May 07, 2026 — Absci Corporation (Nasdaq: ABSI) reported business updates and first quarter fiscal 2026 financial/operating results, highlighting progress for ABS-201, an AI-designed long‑acting anti–prolactin receptor (PRLR) antibody in the Phase 1/2a HEADLINE trial for androgenetic alopecia (AGA). The company has dosed all four planned healthy-volunteer single ascending dose (SAD) cohorts; ABS-201 has been well tolerated with “favorable emerging” safety data.
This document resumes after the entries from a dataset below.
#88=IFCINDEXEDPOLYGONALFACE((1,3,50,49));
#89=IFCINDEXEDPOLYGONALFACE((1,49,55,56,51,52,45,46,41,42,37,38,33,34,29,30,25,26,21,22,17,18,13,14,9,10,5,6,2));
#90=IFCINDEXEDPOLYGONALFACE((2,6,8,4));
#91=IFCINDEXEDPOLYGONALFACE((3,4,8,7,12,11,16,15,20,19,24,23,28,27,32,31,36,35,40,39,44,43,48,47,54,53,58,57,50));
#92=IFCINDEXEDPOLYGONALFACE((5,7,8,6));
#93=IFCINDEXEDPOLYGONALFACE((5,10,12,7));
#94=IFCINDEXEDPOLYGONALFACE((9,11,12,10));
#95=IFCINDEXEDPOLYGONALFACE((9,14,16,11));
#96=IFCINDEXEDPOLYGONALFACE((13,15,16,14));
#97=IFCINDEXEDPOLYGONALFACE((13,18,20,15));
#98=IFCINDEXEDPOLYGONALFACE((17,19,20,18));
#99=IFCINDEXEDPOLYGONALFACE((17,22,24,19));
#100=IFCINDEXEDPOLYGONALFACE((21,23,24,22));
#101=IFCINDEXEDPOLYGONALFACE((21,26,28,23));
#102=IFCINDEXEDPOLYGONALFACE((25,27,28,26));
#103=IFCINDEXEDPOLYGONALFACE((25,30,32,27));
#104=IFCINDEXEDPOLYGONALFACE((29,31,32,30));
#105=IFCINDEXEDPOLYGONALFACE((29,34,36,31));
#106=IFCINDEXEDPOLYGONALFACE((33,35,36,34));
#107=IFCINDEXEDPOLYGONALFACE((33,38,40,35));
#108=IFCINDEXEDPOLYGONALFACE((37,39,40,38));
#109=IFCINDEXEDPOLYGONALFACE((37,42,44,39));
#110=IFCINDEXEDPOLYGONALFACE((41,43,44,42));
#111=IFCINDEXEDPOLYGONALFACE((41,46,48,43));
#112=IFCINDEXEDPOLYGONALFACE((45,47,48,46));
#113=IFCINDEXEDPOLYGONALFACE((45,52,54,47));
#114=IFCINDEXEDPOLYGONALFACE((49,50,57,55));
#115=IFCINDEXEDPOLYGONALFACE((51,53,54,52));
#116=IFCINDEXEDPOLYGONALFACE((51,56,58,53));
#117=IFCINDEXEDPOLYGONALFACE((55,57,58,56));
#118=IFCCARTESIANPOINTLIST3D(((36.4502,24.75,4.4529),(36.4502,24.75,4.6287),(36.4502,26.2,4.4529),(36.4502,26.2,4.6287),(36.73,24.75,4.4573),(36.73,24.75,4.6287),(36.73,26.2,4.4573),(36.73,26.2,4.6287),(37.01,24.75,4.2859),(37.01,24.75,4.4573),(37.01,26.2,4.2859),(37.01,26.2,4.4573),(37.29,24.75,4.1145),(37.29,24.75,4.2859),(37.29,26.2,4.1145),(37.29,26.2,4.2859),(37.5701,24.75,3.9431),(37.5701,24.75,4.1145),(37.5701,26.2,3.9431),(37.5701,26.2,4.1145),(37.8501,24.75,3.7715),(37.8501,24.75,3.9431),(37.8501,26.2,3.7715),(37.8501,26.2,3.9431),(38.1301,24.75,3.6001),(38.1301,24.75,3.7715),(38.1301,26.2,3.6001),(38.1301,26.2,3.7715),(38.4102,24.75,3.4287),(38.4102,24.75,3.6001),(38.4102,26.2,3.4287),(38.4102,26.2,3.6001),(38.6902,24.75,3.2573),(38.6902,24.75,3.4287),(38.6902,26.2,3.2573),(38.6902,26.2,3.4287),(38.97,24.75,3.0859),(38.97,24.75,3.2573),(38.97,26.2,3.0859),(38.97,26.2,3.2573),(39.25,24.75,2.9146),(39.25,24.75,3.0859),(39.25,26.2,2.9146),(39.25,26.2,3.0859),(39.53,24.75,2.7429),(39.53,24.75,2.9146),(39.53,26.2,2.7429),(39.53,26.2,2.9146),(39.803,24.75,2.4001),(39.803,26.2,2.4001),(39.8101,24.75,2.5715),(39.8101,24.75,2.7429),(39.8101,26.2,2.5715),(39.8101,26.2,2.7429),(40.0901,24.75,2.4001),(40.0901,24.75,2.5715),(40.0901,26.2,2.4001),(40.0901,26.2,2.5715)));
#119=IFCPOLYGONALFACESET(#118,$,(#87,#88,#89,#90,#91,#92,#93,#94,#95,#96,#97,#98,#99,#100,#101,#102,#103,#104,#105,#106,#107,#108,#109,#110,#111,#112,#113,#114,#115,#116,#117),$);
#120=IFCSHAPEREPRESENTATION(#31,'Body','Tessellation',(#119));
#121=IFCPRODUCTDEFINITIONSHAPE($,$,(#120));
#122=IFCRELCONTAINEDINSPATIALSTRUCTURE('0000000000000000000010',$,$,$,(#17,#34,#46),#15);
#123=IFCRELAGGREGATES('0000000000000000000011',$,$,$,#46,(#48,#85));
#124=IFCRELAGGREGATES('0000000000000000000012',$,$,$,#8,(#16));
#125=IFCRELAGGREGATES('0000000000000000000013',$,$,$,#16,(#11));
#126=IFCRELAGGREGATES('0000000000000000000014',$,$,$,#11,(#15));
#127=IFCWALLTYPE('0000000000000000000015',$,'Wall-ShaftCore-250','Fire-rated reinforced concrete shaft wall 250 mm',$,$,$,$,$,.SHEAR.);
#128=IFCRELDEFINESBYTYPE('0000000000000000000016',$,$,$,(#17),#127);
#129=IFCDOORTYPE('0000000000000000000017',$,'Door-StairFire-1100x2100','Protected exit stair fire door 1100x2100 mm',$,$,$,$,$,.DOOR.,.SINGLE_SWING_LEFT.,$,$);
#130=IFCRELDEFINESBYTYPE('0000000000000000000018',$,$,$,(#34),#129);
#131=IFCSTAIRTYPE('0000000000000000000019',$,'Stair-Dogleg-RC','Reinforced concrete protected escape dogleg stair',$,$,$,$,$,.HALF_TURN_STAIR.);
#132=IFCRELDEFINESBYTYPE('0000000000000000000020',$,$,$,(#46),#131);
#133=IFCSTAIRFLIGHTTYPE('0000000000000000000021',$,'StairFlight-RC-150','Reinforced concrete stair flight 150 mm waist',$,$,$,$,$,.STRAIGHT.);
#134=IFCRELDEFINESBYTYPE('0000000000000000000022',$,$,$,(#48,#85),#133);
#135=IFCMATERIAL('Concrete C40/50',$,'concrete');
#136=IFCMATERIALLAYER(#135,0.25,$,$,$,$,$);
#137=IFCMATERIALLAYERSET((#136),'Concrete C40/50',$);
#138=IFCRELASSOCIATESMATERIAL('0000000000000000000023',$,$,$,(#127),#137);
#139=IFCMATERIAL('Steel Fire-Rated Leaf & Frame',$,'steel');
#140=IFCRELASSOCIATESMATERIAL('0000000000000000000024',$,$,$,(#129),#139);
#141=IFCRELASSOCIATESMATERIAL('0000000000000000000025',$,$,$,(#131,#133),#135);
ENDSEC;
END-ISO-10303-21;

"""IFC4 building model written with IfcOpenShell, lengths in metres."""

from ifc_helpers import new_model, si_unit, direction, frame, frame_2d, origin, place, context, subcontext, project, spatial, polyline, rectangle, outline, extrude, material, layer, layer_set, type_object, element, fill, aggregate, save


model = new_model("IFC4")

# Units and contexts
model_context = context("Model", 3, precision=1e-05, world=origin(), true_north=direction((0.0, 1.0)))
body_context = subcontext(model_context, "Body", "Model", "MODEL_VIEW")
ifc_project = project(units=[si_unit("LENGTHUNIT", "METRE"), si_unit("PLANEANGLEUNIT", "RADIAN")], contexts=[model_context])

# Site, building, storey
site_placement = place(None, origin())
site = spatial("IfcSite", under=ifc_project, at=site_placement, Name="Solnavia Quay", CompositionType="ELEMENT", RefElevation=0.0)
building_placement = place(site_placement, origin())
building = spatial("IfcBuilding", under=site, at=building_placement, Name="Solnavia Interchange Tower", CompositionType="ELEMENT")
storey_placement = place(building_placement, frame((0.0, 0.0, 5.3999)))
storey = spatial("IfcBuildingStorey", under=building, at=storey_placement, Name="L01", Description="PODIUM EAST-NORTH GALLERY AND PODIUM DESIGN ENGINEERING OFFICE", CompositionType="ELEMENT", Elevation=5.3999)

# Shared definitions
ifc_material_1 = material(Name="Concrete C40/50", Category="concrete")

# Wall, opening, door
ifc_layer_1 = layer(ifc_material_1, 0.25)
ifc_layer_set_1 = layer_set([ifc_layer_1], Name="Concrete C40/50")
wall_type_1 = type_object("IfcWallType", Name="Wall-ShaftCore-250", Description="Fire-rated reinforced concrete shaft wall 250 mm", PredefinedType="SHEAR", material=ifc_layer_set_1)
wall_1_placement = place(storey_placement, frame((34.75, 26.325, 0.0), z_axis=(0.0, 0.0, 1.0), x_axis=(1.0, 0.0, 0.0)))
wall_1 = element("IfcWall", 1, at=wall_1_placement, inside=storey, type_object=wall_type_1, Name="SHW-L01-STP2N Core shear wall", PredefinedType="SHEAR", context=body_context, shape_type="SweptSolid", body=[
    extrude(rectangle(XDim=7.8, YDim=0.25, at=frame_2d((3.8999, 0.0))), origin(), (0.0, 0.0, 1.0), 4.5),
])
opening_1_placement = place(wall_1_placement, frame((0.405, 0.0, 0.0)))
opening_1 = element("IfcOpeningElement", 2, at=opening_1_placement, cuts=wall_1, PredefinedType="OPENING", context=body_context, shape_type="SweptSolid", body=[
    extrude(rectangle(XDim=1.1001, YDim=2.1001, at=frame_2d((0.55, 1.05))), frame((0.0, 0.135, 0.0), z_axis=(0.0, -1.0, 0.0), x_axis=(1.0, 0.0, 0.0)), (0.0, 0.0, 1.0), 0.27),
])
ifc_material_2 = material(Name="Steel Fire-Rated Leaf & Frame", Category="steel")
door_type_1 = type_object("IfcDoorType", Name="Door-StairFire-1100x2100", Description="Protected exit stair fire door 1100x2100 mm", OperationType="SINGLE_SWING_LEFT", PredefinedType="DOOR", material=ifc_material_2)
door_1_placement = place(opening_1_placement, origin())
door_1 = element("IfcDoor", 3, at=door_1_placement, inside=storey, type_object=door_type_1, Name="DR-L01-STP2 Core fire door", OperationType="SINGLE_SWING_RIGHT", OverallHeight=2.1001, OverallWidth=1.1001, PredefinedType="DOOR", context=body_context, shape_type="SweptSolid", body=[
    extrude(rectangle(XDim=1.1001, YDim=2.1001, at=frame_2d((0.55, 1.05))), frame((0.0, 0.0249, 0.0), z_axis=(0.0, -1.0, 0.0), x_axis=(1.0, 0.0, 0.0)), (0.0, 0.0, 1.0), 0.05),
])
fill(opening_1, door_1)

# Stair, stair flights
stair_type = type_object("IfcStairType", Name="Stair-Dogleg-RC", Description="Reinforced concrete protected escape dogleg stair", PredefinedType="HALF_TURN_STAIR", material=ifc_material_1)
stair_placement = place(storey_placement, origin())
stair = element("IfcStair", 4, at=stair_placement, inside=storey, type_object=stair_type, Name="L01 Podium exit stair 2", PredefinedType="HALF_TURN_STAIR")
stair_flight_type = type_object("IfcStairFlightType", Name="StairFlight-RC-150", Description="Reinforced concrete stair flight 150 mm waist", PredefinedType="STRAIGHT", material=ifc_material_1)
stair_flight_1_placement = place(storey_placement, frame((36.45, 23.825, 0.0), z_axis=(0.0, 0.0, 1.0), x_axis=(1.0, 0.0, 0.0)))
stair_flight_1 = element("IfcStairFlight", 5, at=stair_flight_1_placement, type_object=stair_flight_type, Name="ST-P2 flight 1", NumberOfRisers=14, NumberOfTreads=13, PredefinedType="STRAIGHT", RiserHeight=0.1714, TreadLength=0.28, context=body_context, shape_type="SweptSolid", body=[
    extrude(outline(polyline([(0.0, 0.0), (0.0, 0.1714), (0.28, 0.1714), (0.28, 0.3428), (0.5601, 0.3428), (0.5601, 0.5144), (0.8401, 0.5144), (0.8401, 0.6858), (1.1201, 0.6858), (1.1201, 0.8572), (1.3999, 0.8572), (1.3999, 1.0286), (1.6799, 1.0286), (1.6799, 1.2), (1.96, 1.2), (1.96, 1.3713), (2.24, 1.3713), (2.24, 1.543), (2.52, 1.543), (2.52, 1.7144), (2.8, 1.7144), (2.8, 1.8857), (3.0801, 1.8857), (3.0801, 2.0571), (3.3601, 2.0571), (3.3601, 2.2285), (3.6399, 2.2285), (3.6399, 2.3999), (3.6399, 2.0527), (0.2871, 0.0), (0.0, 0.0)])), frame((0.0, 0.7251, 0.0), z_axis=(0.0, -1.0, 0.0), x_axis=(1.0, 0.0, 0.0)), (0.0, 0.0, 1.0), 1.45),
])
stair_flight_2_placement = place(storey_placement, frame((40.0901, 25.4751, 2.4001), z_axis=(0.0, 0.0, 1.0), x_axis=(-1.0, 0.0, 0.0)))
Preliminary pharmacokinetic modeling supports a targeted dosing interval of two to three injections over six months. Absci also initiated dosing in the first multiple ascending dose (MAD) cohort in AGA participants and expects preliminary safety/tolerability/PK data in Q2 2026, interim proof-of-concept data in H2 2026, and full proof-of-concept data in early 2027. Absci also plans to start a Phase 2 endometriosis trial for ABS-201 in Q4 2026 (potential proof-of-concept in H2 2027) and added ABS-202, a preclinical anti-PRLR antibody for an undisclosed inflammation/immunology indication.

Financially (quarter ended March 31, 2026): revenue $0.2M (vs $1.2M prior year), R&D $19.3M, SG&A $9.1M, net loss $29.6M, and cash/marketable securities $125.7M; runway projected into 1H 2028.